As the craft bobs idly in the water, Kostecki, the boat’s tactician, motions for me to head out to the center of the netting stretched between the two knifelike hulls, a place where I’m least likely to get in the way. The skipper, Jimmy Spithill, watches silently from behind mirrored sunglasses as I crawl out and embrace the base of the mast. As soon as I’m settled, the three other sailors on board begin to stir their winches. This causes a cat’s cradle of lines to spring up all around me and begin to dance. Just above my head is the wing’s bottom edge, a massive horizontal pole with a half dozen separate lines running in and out of it. It’s like a giant robot’s arm strung with rope tendons, and as it starts to flex—positioning the towering wing to catch the breeze—the boat accelerates with a gut-twisting quickness. Within seconds we’re outpacing the speedboat that dropped me off. A rooster tail of spray shoots from the bow of each hull, leaving me thoroughly soaked.
Next, accompanied by the terrible groaning howl of rope straining under maximum tension, the boat starts to tip up onto its side. One of the hulls lifts free of the water. “Hike out!” Kostecki barks, and the crew races—half running, half speed-climbing—to the high side of the boat. “Sorry, mate,” says one sailor after trampling across my back and flinging himself over the breaching hull. Their weight is the only thing keeping us from flipping. To gain maximum leverage they hang off the boat upside down, facing up, with their feet tangled in the netting and everything past their knees cantilevered over the side. The goal is not to bring our wayward hull back to the water but rather to bring it as close to the surface as possible without touching down. Flying the hull eliminates its drag. Flitting across the water, literally and figuratively on edge, the black carbon-fiber boat takes on a distinctly alien, insectoid grace. The next America’s Cup race takes place in 2013, but one thing is already sure: The event’s pioneers wouldn’t recognize their sport now.
Back in 1851, when the stately yacht America bested the greatest naval power that had ever ruled the seas to win the cup, Queen Victoria, in a bit of stiff-upper-lip hopefulness, famously asked who took second place. “Your Majesty,” the queen’s counselor advised, “there is no second.” And that is really the key to understanding the oldest trophy in international sport. The America’s Cup—the Super Bowl of sailing—is unique among major competitions in that it’s essentially structured as a winner-take-all bet. The grand prize of the America’s Cup race is dominion over the next America’s Cup race. It’s as if the Green Bay Packers were rewarded with not just the Vince Lombardi Trophy but also the NFL. Or if the San Francisco Giants were now in charge of baseball, and not just the Major Leagues but the Japanese and Cuban leagues, too. The team that takes the cup gets nearly complete control over the race, the only caveat being that an official “challenger of record” must agree to the final rules. No wonder the world’s richest men have always been so keen on the contest.
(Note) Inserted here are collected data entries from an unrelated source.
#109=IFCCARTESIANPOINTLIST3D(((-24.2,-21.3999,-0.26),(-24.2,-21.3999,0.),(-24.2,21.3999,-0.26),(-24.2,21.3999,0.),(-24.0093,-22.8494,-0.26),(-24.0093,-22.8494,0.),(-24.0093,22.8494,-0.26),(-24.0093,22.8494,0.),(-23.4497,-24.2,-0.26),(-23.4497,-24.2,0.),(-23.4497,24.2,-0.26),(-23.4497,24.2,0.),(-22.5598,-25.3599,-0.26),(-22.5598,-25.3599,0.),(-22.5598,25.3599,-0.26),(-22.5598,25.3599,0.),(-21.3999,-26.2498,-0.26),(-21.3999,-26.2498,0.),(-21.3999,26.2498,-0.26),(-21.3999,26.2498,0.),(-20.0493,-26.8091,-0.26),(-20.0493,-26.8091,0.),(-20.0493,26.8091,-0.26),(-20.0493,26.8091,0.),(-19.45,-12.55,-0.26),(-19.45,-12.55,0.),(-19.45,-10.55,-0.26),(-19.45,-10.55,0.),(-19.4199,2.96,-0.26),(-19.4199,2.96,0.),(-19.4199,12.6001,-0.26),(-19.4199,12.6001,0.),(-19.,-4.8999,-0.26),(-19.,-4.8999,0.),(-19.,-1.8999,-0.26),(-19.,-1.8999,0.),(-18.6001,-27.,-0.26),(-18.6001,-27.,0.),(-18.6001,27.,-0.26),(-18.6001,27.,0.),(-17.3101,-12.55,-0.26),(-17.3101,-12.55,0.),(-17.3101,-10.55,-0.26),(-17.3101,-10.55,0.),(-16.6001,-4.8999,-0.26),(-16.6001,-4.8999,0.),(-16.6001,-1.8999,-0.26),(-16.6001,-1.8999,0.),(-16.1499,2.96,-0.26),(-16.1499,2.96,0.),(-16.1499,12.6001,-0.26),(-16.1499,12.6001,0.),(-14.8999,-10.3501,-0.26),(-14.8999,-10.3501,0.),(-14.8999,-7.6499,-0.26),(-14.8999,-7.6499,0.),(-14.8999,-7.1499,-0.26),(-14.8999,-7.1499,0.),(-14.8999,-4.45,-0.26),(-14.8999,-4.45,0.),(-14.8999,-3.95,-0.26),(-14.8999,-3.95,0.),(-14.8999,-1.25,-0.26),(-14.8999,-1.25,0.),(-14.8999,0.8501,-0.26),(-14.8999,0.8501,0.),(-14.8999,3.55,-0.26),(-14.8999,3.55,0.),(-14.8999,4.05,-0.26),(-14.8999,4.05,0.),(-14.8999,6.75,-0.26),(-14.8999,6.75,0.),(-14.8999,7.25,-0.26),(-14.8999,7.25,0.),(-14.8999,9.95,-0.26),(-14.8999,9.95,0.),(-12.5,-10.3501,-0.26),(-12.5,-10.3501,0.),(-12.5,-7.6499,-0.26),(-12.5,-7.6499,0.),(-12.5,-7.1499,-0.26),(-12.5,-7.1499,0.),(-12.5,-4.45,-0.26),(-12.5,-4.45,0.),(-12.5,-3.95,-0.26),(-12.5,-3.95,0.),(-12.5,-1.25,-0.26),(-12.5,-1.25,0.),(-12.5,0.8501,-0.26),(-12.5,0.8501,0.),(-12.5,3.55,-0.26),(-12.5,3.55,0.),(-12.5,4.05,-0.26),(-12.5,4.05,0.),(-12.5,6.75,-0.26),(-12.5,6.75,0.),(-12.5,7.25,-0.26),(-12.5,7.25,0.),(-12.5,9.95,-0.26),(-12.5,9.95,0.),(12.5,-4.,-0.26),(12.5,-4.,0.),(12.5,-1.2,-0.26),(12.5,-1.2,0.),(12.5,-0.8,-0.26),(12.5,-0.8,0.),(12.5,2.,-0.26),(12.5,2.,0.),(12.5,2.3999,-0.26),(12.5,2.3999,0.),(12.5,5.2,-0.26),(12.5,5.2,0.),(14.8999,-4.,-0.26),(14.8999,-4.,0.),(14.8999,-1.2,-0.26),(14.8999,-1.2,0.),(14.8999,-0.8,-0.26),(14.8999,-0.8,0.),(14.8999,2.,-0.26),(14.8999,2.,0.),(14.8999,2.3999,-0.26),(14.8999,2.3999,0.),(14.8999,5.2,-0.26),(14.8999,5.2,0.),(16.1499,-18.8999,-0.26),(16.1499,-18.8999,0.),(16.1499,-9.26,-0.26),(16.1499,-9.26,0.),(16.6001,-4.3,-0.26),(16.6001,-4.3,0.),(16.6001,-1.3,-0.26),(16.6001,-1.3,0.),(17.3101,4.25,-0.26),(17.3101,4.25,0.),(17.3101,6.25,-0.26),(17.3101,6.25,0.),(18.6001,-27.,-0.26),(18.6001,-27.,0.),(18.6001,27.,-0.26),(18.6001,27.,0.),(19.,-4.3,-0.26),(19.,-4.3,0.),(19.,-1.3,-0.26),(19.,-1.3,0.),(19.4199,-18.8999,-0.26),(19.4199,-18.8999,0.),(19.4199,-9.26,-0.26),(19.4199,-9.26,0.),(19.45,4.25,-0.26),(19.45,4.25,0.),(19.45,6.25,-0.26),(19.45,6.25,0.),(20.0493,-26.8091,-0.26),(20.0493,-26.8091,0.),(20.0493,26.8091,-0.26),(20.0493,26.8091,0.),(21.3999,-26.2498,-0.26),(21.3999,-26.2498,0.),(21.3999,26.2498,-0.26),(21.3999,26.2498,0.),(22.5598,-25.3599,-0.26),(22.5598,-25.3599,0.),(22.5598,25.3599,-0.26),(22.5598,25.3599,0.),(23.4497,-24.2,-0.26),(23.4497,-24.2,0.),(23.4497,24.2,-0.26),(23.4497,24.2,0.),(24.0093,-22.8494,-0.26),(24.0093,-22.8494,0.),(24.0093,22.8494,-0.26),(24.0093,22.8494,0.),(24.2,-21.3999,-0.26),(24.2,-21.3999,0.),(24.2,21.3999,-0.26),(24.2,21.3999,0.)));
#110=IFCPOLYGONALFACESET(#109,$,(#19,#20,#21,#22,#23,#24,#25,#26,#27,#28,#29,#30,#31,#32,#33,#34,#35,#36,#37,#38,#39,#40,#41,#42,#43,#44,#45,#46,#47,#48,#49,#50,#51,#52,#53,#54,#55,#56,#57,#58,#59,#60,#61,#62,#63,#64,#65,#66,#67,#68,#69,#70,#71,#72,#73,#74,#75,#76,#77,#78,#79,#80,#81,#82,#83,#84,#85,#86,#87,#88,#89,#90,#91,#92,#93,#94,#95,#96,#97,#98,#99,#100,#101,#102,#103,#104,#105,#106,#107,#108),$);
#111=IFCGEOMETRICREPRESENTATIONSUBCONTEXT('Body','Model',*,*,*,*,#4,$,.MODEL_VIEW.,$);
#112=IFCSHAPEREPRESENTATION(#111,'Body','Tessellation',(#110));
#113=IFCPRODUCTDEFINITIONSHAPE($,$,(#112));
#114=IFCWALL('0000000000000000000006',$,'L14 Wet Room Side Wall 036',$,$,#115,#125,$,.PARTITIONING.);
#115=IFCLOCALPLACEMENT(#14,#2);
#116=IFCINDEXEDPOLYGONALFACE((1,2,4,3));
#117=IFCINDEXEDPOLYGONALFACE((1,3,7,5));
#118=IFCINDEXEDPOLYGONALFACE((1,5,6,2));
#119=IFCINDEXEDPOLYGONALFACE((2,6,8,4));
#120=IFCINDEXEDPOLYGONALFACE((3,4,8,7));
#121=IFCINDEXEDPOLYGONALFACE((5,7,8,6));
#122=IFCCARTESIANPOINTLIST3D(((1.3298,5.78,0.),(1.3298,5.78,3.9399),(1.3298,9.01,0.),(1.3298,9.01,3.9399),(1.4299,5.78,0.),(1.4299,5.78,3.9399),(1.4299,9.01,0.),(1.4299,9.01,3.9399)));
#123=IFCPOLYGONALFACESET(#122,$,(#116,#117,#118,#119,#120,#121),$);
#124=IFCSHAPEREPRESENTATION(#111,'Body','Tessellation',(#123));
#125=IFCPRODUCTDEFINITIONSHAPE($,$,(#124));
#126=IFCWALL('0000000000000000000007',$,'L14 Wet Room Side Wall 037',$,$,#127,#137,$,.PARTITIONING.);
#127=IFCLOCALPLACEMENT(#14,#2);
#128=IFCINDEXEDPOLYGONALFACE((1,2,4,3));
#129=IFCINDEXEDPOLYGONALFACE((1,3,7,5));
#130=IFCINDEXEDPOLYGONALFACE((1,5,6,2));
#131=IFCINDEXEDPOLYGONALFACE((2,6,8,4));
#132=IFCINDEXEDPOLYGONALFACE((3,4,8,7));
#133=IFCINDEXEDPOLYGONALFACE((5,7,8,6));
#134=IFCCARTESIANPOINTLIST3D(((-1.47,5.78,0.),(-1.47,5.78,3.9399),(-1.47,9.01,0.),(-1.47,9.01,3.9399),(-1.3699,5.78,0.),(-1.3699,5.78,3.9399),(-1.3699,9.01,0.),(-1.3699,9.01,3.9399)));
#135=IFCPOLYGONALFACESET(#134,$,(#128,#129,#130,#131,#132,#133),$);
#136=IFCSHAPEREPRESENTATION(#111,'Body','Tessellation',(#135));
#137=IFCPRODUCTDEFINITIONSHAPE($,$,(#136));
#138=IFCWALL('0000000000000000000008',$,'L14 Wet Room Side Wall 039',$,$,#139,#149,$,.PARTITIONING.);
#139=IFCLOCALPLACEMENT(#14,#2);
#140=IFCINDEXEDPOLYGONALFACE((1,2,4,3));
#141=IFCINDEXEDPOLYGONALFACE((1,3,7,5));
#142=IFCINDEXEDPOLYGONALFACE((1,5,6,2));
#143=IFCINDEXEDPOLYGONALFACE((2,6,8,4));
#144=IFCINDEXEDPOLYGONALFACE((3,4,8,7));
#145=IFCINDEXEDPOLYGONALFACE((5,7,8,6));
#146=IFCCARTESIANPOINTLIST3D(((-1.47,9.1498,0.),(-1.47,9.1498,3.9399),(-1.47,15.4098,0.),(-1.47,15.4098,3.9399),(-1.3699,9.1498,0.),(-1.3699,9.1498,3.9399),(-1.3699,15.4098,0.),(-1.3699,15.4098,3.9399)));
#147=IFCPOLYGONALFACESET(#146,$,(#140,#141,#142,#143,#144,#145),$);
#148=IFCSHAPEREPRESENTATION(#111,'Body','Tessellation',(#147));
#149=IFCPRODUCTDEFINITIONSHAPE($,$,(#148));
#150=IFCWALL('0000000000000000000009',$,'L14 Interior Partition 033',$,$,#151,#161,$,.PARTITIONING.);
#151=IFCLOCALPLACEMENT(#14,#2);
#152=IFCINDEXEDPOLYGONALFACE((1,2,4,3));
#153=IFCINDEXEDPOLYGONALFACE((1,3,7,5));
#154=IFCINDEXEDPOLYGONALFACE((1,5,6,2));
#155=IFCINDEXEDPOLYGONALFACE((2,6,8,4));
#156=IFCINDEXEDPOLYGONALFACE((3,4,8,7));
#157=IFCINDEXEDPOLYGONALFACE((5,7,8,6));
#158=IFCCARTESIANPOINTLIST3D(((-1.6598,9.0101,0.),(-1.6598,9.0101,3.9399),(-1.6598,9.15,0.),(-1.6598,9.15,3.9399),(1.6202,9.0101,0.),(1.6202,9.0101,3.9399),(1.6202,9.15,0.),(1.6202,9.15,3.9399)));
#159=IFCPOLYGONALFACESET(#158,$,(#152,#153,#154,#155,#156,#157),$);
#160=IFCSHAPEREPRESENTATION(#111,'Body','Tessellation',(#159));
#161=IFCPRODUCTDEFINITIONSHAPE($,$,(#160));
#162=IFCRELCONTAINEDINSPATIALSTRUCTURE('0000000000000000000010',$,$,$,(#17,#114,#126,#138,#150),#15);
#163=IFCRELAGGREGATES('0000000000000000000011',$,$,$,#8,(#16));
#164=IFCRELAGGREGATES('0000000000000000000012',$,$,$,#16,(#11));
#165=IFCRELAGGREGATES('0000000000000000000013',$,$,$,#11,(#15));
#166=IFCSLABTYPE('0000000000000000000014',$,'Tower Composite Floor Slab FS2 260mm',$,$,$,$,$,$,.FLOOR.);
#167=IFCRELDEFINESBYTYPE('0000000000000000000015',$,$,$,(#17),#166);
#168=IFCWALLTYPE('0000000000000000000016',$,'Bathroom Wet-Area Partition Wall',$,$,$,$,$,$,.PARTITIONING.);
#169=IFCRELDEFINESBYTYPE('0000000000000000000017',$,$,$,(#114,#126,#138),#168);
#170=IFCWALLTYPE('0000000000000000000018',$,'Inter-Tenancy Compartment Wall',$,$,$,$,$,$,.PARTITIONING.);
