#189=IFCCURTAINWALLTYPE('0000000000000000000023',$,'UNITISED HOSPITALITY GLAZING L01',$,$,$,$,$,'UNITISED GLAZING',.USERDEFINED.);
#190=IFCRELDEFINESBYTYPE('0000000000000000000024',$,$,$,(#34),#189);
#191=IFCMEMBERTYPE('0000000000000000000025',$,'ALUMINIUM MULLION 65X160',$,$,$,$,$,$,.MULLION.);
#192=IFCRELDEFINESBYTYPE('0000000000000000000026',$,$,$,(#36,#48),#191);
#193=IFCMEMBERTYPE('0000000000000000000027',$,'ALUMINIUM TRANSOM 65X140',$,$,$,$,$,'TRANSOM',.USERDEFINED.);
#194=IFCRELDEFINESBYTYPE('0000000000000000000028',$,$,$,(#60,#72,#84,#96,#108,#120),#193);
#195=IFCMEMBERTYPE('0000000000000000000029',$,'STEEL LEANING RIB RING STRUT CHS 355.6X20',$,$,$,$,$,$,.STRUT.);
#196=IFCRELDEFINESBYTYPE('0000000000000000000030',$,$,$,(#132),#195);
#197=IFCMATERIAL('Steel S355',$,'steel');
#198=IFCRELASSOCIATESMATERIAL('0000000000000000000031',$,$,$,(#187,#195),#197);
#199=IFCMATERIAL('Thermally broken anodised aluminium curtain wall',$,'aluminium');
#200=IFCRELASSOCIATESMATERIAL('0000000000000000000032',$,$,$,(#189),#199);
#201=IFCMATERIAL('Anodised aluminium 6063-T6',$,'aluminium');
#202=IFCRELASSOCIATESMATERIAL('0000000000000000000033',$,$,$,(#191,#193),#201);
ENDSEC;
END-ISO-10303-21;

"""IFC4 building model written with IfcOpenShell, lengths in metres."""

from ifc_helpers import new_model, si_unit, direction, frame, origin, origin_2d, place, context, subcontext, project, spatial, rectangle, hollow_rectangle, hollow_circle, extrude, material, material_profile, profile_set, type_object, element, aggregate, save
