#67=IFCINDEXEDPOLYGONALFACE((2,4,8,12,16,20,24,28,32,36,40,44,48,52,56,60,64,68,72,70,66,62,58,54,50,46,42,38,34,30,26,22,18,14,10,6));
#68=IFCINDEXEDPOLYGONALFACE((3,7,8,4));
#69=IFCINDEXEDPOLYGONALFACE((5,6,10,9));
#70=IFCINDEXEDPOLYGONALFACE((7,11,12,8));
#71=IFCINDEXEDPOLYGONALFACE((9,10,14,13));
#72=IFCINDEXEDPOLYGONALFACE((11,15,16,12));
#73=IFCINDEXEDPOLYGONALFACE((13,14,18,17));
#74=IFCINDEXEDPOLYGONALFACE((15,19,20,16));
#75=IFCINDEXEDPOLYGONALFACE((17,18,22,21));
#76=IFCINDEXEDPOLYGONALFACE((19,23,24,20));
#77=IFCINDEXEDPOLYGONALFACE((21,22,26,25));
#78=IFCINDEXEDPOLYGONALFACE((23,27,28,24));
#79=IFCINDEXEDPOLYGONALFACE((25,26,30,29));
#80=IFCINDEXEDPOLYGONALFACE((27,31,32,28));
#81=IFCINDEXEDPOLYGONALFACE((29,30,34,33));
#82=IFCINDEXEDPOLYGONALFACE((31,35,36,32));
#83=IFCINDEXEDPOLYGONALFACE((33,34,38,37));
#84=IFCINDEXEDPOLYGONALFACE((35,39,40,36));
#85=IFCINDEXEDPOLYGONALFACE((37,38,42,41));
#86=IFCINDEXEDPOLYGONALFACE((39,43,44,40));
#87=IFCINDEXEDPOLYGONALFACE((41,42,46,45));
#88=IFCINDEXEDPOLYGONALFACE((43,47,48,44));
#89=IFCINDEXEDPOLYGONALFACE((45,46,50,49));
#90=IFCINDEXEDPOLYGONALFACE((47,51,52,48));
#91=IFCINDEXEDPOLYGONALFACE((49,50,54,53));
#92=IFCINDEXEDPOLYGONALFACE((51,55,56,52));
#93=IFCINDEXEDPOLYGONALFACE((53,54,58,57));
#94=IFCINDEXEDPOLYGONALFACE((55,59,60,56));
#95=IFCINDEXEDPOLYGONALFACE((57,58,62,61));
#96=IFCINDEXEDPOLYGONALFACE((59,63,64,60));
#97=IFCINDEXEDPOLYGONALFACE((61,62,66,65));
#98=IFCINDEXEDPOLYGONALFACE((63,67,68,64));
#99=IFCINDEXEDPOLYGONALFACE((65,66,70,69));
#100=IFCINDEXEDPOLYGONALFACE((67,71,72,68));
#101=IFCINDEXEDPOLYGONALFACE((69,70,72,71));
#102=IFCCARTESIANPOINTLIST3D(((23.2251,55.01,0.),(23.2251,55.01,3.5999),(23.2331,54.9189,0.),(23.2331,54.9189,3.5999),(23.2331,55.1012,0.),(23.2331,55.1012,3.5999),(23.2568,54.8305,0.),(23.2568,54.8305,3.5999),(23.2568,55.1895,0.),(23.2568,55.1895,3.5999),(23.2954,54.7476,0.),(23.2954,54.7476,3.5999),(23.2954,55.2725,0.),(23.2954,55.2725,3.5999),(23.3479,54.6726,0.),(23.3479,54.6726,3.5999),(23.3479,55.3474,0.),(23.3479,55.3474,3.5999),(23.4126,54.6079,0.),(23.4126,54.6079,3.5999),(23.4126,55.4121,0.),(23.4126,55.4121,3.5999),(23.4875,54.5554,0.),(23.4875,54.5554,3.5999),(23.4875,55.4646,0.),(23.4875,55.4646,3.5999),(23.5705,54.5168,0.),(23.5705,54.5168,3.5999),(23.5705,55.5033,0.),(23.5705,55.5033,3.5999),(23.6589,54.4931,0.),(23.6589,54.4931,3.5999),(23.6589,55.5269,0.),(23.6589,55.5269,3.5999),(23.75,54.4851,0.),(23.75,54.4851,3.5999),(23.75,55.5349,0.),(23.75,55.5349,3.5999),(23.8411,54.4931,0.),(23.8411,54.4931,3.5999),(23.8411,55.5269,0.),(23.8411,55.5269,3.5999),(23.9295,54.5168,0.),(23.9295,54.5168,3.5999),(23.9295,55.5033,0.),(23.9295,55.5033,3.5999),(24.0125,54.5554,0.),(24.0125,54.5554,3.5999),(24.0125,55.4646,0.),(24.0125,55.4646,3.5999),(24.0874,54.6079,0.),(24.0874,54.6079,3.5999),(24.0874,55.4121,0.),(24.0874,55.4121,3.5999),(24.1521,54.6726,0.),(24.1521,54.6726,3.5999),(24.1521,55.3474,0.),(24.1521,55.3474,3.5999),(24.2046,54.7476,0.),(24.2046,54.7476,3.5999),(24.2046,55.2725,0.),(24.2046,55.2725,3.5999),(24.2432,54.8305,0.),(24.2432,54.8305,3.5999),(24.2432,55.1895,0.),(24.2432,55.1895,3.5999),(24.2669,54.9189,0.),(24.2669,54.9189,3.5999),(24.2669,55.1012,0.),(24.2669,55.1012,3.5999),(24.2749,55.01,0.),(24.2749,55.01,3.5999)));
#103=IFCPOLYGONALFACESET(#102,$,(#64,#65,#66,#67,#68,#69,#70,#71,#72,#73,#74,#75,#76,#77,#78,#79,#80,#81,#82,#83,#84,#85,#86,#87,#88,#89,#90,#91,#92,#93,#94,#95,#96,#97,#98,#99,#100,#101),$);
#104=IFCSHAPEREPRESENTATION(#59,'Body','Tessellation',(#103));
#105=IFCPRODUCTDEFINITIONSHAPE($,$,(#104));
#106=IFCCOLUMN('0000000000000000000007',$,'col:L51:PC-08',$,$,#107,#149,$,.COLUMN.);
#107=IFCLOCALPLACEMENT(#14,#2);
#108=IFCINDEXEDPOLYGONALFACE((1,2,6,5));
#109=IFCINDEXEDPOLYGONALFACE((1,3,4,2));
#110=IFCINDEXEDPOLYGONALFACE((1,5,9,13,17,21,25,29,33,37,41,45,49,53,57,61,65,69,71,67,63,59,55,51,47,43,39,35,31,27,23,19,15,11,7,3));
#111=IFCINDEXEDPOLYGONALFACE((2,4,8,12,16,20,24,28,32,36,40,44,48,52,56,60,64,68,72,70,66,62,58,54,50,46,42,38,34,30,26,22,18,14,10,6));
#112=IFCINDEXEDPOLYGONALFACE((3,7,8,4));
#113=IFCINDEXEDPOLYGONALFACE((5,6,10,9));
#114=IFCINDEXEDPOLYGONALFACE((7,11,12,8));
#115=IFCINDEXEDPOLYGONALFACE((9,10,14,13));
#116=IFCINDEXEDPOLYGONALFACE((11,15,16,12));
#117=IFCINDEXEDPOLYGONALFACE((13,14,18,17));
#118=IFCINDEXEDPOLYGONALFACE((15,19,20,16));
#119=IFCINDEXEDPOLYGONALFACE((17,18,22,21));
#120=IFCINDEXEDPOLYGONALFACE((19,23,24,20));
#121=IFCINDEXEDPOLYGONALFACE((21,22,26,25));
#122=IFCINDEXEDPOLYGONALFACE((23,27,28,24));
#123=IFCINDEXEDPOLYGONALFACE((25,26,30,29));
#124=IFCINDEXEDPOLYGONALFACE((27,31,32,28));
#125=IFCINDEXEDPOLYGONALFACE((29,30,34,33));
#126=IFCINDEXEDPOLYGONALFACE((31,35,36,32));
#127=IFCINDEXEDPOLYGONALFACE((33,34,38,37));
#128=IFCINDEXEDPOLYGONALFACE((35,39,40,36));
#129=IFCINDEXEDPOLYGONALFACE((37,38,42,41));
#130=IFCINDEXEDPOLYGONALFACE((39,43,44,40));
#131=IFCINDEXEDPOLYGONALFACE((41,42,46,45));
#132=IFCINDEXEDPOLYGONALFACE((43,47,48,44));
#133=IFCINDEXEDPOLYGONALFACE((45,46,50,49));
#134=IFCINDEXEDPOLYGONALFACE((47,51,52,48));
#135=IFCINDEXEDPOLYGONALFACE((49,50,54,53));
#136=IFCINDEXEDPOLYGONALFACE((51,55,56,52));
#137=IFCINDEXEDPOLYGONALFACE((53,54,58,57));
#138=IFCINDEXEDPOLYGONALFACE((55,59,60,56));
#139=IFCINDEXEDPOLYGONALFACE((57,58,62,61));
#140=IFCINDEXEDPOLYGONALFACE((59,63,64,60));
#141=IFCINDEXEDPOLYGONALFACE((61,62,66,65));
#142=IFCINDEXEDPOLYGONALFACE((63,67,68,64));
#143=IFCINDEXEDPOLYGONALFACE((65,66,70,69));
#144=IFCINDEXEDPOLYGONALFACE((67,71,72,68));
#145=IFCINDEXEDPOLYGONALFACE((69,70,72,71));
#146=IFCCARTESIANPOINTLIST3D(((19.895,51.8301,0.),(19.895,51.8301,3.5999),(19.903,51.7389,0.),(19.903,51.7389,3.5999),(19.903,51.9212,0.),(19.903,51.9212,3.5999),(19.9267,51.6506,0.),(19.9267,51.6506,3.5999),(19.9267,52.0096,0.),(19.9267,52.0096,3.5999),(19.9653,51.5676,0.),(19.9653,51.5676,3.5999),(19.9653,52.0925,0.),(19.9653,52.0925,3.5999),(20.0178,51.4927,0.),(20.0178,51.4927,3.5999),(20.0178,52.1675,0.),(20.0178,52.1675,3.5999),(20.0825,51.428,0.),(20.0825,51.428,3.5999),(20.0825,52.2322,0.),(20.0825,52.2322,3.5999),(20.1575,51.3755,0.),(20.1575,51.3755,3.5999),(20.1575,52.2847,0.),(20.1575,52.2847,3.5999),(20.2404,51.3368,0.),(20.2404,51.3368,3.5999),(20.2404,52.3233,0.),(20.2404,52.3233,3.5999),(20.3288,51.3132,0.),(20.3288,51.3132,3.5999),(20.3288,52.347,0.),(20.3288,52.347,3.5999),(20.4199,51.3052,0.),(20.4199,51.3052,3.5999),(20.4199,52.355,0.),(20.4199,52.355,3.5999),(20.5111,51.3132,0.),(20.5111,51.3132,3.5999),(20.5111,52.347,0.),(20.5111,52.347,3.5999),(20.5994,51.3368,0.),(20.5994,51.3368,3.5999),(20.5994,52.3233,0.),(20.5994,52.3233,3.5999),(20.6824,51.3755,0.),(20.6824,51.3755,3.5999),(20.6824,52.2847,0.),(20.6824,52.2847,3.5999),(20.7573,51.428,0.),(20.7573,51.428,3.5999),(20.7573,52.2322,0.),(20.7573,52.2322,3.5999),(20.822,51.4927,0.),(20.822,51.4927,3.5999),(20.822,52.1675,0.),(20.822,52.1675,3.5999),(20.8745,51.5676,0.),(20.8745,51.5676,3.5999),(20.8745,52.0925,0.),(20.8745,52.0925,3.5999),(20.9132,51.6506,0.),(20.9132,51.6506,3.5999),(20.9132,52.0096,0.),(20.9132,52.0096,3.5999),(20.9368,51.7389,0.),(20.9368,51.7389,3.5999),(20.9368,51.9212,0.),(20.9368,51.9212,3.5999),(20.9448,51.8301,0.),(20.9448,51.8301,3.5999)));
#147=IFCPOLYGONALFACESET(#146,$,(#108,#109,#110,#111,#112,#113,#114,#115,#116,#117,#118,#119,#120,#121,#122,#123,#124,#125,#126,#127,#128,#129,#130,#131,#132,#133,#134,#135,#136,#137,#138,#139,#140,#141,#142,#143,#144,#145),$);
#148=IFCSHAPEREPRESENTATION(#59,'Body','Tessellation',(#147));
The last cup, in 2010, was a highly contentious battle between Oracle Racing, bankrolled by Oracle CEO Larry Ellison, and Alinghi, the alter ego of the Italian-born Swiss billionaire Ernesto Bertarelli. It marked what may be the nadir of the sport: Alinghi, who won the previous cup, attempted to radically change the rules by using a sham challenger of record. Ellison’s organization sued and won, becoming the official challenger, but as a result the match reverted to the anything-goes rules of the 19th century. Alinghi spared no expense on a specially designed high-speed catamaran. Oracle spared even less expense, devising a paradigm-breaking trimaran with a wing for a sail. Oracle won.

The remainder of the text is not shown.